The beloved actor discusses his new memoir and his journey from poverty in Northern England to interstellar stardom
Although Sir Patrick Stewart’s new memoir takes its title from a trademark saying of his TV alter ego, Captain Jean-Luc Picard, Making It So is far from a glib collection of behind-the-scenes anecdotes. Rather, it’s a thoughtful, probing, sometimes explosively funny chronicle full of hard-won insights on class, craft, art, and ambition from an actor who, after 16 years with the Royal Shakespeare Company, hit warp speed with Star Trek: The Next Generation—and then kept on exploring. As an author, he comports himself nearly as well on the page as on the stage. “I had one objective only,” says Stewart, 83, calling from Los Angeles. “I wanted the book to sound like my voice. I wanted to give the impression that there was a group of friends and me sitting around the fire, with glasses of wine in our hands, and I was the only one talking.”
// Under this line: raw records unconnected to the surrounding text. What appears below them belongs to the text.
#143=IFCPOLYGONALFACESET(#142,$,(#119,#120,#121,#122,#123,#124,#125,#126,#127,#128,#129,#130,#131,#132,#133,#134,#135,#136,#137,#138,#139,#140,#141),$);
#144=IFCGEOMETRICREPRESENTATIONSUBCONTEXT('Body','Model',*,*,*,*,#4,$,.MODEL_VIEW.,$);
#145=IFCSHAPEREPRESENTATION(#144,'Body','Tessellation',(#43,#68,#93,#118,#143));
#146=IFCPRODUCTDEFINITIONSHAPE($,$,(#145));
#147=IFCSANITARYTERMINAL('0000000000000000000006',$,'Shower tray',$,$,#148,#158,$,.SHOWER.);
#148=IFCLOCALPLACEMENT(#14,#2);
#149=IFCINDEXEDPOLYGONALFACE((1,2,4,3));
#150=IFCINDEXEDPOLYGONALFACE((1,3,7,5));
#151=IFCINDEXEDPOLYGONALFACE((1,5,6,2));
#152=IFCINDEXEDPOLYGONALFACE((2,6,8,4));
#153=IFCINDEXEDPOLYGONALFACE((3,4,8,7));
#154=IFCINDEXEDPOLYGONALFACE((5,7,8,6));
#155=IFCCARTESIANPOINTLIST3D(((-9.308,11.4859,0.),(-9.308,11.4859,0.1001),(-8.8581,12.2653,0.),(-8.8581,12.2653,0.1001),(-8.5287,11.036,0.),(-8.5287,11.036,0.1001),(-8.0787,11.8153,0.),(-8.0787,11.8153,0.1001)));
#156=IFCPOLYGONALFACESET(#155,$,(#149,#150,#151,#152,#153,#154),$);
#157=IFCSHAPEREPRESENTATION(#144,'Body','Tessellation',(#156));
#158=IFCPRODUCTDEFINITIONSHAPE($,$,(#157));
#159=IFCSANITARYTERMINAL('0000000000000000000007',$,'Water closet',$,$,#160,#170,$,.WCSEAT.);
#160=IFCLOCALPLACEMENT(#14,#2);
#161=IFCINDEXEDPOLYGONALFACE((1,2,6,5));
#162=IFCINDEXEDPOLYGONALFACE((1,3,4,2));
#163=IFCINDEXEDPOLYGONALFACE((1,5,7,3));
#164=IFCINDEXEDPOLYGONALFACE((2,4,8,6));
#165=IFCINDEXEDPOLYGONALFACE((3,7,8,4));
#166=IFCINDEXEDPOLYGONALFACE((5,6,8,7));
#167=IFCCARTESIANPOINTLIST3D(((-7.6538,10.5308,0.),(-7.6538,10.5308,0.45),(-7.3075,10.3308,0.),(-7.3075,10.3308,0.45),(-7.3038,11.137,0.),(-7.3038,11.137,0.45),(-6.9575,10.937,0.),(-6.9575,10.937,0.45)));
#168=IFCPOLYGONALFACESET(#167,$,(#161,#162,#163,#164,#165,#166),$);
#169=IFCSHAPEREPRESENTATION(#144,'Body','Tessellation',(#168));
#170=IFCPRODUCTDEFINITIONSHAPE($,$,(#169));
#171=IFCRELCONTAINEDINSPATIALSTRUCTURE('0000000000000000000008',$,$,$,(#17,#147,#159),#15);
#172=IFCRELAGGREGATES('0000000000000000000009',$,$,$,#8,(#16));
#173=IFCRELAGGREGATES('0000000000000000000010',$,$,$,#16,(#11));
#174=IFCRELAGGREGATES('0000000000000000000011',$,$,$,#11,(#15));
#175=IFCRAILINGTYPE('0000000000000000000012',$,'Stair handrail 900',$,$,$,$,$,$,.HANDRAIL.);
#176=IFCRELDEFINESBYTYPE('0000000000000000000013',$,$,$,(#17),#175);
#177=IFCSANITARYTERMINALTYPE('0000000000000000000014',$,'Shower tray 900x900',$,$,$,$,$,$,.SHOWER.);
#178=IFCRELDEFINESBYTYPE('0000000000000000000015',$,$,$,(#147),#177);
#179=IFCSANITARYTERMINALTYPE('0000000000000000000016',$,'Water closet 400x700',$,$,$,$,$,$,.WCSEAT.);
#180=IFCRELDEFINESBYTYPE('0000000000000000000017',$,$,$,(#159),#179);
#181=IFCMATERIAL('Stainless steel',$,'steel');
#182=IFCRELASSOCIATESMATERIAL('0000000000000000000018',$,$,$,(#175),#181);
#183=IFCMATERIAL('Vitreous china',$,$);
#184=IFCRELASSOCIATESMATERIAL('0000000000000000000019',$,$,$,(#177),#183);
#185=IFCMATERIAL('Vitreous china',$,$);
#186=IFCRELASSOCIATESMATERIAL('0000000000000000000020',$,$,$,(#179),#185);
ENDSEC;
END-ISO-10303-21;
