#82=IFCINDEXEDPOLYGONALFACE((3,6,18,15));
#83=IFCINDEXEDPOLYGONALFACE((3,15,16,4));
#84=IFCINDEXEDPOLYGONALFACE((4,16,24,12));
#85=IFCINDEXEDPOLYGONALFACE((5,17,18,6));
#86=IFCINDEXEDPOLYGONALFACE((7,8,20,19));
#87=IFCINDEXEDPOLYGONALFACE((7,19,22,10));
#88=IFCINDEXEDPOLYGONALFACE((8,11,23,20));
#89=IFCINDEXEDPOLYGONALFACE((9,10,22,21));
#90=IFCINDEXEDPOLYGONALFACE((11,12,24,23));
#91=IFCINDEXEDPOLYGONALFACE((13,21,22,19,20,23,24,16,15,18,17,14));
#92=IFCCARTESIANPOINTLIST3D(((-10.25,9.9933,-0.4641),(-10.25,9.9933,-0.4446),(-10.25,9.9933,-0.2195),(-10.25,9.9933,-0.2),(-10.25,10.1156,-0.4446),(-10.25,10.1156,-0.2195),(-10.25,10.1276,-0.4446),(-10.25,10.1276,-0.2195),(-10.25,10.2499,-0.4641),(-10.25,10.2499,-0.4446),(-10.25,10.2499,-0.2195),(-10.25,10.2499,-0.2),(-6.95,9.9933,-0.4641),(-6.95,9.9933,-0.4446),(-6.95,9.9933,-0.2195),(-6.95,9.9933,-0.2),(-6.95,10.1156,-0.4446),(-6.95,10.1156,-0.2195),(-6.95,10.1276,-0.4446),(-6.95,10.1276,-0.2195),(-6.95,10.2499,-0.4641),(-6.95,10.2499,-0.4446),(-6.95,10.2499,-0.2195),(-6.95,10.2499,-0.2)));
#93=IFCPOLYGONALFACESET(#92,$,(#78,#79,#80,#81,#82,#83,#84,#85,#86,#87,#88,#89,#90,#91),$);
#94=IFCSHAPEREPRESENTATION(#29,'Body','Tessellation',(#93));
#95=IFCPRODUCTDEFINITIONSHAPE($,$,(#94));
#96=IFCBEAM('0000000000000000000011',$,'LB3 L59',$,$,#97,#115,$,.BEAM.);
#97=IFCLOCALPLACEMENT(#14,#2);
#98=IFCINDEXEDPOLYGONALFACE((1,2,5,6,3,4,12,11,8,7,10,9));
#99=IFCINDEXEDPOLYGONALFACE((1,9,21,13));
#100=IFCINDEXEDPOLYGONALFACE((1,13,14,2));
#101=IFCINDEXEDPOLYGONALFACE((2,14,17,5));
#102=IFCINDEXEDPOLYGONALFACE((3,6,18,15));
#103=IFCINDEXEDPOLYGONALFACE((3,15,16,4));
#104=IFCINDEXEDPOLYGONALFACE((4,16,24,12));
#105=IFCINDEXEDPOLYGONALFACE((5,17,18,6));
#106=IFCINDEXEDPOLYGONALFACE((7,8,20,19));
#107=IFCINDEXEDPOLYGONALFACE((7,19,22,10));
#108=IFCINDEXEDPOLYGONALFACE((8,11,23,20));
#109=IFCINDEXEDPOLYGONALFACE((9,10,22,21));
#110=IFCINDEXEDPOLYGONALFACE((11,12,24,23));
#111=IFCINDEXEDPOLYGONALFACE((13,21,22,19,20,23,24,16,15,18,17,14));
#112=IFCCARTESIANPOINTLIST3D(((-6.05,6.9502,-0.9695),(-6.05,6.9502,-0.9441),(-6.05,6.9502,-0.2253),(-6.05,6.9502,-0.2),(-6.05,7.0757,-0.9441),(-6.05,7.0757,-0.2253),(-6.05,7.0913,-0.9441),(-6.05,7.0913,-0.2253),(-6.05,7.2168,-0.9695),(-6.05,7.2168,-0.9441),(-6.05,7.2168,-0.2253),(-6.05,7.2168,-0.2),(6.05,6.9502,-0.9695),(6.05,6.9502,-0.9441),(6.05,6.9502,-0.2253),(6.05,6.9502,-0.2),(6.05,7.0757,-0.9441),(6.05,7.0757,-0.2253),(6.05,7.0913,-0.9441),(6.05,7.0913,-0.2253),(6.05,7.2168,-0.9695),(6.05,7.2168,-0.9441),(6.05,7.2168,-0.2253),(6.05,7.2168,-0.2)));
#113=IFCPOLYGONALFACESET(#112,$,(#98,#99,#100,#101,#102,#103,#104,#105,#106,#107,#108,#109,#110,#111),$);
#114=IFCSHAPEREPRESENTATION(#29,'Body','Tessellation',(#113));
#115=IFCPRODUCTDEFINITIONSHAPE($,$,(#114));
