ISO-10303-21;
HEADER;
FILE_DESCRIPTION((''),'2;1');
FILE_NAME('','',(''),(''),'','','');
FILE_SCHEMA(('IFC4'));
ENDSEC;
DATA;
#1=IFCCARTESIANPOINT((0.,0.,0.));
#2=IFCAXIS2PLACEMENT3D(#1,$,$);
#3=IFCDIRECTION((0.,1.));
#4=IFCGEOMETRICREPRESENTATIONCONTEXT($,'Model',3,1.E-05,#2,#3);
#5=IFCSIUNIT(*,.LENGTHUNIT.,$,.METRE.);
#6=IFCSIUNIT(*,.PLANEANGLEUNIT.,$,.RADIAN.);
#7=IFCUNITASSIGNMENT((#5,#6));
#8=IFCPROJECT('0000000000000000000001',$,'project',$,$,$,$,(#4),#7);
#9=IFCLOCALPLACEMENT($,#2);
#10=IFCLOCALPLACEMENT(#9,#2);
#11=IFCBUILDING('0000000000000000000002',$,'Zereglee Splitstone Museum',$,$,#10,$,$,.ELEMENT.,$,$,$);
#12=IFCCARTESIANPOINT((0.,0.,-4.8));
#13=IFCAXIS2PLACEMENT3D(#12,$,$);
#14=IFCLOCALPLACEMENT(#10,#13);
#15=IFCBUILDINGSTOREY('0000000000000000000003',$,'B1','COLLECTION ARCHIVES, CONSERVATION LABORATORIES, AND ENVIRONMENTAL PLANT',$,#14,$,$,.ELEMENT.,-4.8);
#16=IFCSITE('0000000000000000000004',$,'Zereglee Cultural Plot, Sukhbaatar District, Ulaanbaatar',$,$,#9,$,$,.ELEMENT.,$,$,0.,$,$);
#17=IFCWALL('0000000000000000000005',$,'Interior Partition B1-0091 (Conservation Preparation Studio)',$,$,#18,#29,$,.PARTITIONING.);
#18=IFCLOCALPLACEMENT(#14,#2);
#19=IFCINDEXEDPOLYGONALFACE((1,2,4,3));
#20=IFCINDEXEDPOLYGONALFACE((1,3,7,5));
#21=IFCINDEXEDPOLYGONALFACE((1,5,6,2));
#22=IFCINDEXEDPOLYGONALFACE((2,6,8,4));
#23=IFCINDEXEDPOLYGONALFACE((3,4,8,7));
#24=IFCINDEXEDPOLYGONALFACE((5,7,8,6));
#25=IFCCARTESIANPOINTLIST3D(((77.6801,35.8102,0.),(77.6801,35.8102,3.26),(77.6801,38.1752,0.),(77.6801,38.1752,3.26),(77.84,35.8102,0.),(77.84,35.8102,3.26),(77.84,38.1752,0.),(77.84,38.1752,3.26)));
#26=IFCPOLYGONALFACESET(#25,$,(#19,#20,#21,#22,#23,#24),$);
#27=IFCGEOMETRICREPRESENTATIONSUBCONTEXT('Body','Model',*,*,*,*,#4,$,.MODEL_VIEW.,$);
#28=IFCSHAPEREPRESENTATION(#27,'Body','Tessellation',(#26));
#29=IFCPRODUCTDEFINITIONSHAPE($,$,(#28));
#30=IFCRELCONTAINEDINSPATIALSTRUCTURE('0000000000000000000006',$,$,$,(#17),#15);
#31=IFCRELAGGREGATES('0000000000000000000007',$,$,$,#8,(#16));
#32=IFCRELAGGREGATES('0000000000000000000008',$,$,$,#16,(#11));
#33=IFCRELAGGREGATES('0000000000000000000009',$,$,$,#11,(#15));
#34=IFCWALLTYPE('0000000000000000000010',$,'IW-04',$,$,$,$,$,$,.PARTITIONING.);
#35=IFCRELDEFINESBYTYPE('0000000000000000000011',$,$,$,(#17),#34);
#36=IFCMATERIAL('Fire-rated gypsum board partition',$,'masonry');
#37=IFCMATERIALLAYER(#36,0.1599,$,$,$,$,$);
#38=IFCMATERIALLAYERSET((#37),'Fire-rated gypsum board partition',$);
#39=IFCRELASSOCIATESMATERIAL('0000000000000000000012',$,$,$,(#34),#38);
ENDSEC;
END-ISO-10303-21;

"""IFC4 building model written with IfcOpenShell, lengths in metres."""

from ifc_helpers import new_model, si_unit, direction, frame, frame_2d, origin, place, context, subcontext, project, spatial, rectangle, extrude, material, layer, layer_set, type_object, element, save


model = new_model("IFC4")

# Units and contexts
model_context = context("Model", 3, precision=1e-05, world=origin(), true_north=direction((0.0, 1.0)))
body_context = subcontext(model_context, "Body", "Model", "MODEL_VIEW")
ifc_project = project(units=[si_unit("LENGTHUNIT", "METRE"), si_unit("PLANEANGLEUNIT", "RADIAN")], contexts=[model_context])

# Site, building, storey
site_placement = place(None, origin())
site = spatial("IfcSite", under=ifc_project, at=site_placement, Name="Zereglee Cultural Plot, Sukhbaatar District, Ulaanbaatar", CompositionType="ELEMENT", RefElevation=0.0)
building_placement = place(site_placement, origin())
building = spatial("IfcBuilding", under=site, at=building_placement, Name="Zereglee Splitstone Museum", CompositionType="ELEMENT")
storey_placement = place(building_placement, frame((0.0, 0.0, -4.8)))
storey = spatial("IfcBuildingStorey", under=building, at=storey_placement, Name="B1", Description="COLLECTION ARCHIVES, CONSERVATION LABORATORIES, AND ENVIRONMENTAL PLANT", CompositionType="ELEMENT", Elevation=-4.8)

# Wall
ifc_material_1 = material(Name="Fire-rated gypsum board partition", Category="masonry")
ifc_layer_1 = layer(ifc_material_1, 0.1599)
ifc_layer_set_1 = layer_set([ifc_layer_1], Name="Fire-rated gypsum board partition")
wall_type_1 = type_object("IfcWallType", Name="IW-04", PredefinedType="PARTITIONING", material=ifc_layer_set_1)
wall_1_placement = place(storey_placement, frame((77.76, 35.8101, 0.0), z_axis=(0.0, 0.0, 1.0), x_axis=(0.0, 1.0, 0.0)))
element("IfcWall", 1, at=wall_1_placement, inside=storey, type_object=wall_type_1, Name="Interior Partition B1-0091 (Conservation Preparation Studio)", PredefinedType="PARTITIONING", context=body_context, shape_type="SweptSolid", body=[
    extrude(rectangle(XDim=2.365, YDim=0.1599, at=frame_2d((1.1826, 0.0))), origin(), (0.0, 0.0, 1.0), 3.26),
])

save(model, "model.ifc")
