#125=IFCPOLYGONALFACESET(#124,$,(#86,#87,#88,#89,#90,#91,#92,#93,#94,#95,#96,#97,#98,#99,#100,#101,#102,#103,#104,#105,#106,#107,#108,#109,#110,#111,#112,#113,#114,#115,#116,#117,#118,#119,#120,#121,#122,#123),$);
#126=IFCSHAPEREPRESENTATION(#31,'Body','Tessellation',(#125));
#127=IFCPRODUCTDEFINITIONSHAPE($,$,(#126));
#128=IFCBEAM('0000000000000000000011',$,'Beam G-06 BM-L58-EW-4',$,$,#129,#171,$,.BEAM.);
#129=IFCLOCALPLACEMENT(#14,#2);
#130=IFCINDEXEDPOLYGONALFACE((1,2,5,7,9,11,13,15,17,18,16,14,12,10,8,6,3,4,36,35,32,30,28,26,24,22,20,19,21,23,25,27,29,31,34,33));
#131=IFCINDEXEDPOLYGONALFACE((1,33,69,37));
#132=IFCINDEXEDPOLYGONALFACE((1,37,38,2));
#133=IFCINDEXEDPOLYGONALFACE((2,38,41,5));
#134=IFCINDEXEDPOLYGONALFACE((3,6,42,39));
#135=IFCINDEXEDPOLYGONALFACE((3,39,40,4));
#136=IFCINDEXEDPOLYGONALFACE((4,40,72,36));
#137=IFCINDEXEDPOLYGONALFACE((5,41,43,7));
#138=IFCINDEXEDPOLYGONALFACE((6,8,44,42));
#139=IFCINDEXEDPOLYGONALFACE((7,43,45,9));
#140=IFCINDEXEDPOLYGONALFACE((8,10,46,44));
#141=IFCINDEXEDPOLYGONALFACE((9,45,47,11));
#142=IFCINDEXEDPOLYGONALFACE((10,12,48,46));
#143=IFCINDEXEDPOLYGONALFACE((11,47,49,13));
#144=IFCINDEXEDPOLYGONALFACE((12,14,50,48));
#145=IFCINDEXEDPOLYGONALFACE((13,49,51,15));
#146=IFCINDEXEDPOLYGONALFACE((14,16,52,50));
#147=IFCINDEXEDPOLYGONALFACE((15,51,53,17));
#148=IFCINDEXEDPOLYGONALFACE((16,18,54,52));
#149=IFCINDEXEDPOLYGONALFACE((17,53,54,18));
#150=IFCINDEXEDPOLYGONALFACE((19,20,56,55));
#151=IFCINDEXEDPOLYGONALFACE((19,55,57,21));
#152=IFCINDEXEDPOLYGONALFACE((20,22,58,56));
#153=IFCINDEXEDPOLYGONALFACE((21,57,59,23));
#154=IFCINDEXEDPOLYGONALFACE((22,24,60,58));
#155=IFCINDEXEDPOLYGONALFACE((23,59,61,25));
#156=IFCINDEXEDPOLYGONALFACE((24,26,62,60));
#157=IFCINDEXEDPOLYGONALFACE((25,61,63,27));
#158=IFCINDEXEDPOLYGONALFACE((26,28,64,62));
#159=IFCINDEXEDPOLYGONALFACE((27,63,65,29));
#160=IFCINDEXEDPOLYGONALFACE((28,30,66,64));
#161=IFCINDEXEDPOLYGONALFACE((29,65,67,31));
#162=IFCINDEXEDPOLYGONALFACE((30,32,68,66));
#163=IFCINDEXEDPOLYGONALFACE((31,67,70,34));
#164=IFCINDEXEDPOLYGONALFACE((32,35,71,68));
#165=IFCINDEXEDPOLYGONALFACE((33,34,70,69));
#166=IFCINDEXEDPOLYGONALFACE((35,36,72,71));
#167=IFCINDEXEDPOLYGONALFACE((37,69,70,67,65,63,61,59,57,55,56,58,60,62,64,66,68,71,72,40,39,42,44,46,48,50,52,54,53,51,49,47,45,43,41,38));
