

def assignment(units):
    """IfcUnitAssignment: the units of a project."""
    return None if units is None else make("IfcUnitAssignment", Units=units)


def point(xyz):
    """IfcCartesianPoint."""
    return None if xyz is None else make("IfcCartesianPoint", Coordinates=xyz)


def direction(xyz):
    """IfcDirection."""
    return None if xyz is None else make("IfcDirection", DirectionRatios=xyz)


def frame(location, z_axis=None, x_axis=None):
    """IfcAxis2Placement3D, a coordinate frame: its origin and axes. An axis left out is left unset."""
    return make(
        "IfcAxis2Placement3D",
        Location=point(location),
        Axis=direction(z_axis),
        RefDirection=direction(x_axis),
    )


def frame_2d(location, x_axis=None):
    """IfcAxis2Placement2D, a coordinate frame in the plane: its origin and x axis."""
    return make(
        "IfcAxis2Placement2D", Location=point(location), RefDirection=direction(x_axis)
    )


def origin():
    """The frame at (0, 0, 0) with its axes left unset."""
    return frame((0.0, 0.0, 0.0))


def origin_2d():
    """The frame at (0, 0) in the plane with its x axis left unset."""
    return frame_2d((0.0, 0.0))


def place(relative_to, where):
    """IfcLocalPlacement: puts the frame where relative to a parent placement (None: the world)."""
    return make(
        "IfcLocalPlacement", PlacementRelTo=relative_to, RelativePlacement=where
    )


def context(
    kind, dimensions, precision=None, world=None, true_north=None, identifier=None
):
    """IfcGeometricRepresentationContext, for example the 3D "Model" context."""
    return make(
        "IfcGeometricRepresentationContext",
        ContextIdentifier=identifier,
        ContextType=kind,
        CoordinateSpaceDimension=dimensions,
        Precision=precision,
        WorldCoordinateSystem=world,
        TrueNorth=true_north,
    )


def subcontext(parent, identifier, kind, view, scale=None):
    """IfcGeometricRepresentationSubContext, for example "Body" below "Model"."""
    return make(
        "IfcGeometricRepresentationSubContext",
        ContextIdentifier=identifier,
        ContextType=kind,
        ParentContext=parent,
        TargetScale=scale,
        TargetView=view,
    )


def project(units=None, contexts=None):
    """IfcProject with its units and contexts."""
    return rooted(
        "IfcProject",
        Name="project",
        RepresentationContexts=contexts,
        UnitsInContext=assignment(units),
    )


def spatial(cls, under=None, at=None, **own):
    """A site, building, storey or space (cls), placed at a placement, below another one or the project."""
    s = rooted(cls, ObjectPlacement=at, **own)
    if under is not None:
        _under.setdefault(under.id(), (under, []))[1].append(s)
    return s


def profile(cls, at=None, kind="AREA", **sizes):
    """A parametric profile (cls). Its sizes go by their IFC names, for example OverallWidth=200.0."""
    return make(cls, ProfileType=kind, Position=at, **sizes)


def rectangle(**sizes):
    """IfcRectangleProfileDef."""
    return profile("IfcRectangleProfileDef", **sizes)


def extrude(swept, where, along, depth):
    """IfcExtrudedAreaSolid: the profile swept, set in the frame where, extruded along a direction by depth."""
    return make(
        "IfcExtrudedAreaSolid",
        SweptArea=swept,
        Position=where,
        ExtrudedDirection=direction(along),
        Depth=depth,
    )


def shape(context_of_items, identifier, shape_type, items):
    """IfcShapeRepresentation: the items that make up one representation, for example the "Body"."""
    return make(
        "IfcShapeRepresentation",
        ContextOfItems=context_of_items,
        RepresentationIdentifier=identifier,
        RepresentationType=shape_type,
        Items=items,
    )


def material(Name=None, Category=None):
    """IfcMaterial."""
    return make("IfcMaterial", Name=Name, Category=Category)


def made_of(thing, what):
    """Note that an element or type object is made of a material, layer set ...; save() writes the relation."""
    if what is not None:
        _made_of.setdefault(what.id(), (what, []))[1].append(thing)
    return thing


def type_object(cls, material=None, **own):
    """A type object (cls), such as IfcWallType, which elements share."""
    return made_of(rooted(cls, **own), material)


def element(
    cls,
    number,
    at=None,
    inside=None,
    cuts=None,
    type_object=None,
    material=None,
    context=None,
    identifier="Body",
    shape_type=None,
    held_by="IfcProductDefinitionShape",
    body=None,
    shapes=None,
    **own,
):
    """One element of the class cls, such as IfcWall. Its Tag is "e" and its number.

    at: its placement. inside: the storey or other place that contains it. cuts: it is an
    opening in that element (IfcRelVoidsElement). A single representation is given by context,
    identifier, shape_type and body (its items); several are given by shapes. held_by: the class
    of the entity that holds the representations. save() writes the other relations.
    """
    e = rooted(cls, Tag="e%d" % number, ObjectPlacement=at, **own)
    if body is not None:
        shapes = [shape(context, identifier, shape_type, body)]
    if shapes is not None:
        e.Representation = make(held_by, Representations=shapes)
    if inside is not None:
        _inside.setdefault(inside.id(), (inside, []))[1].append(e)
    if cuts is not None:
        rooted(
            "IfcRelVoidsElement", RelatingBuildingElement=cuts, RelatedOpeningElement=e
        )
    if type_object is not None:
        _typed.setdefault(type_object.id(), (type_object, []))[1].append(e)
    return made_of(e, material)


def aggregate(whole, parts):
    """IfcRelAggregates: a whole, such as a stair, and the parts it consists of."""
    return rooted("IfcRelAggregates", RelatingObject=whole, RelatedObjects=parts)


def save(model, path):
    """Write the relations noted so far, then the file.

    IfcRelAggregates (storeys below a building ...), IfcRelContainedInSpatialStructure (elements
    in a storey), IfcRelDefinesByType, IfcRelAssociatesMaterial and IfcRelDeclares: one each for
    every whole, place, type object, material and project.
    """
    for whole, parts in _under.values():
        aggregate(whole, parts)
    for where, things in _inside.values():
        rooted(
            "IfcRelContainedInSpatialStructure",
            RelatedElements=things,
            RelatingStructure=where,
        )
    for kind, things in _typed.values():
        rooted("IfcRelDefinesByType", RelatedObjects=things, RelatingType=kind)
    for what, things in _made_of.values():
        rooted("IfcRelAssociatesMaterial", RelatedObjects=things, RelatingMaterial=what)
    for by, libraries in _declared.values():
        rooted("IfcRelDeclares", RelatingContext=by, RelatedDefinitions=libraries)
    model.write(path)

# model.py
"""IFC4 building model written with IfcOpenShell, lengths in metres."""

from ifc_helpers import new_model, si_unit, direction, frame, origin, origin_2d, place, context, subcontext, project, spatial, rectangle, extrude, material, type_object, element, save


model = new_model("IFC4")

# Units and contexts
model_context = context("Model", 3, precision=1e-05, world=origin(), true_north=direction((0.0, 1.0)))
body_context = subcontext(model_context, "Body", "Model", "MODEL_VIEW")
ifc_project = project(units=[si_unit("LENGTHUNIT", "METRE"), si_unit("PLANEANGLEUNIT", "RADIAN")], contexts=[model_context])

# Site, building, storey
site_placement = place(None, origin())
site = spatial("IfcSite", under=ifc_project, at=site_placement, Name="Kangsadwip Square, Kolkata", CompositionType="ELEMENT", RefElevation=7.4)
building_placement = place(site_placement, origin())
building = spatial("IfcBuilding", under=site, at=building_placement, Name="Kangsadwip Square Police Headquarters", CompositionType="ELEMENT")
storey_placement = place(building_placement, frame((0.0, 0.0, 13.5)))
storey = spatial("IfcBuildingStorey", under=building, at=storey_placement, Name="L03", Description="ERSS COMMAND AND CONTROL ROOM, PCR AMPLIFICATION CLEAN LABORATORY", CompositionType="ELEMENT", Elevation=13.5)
This cozy all-night chat takes us from the poverty of Stewart’s early life in working-class Yorkshire, England, where he grew up with no indoor plumbing and shared a bed with a brother until age 14, to a star-crossed middle-school encounter with The Merchant of Venice, to the struggles and lucky breaks that came together to form the long arc of his development as an actor. Throughout, Stewart renders kind but unsentimental judgments on his and his colleagues’ efforts, gives candid estimations of his own successes and failures as a husband, a father, and an ensemble member, and shares memories of singular brushes with the likes of Vivien Leigh, Paul McCartney, and King Charles. (One of the more memorable encounters comes when a fellow cast member of David Lynch’s Dune introduces himself as Sting; as Stewart, a classical-music aficionado, understood it at the time, he played bass guitar in some sort of… police band?) In Making It So, Stewart’s warm, expansive tone feels inclusive—of any actor or genuine creative person—in a way that it’s hard to imagine a younger author pulling off quite so naturally.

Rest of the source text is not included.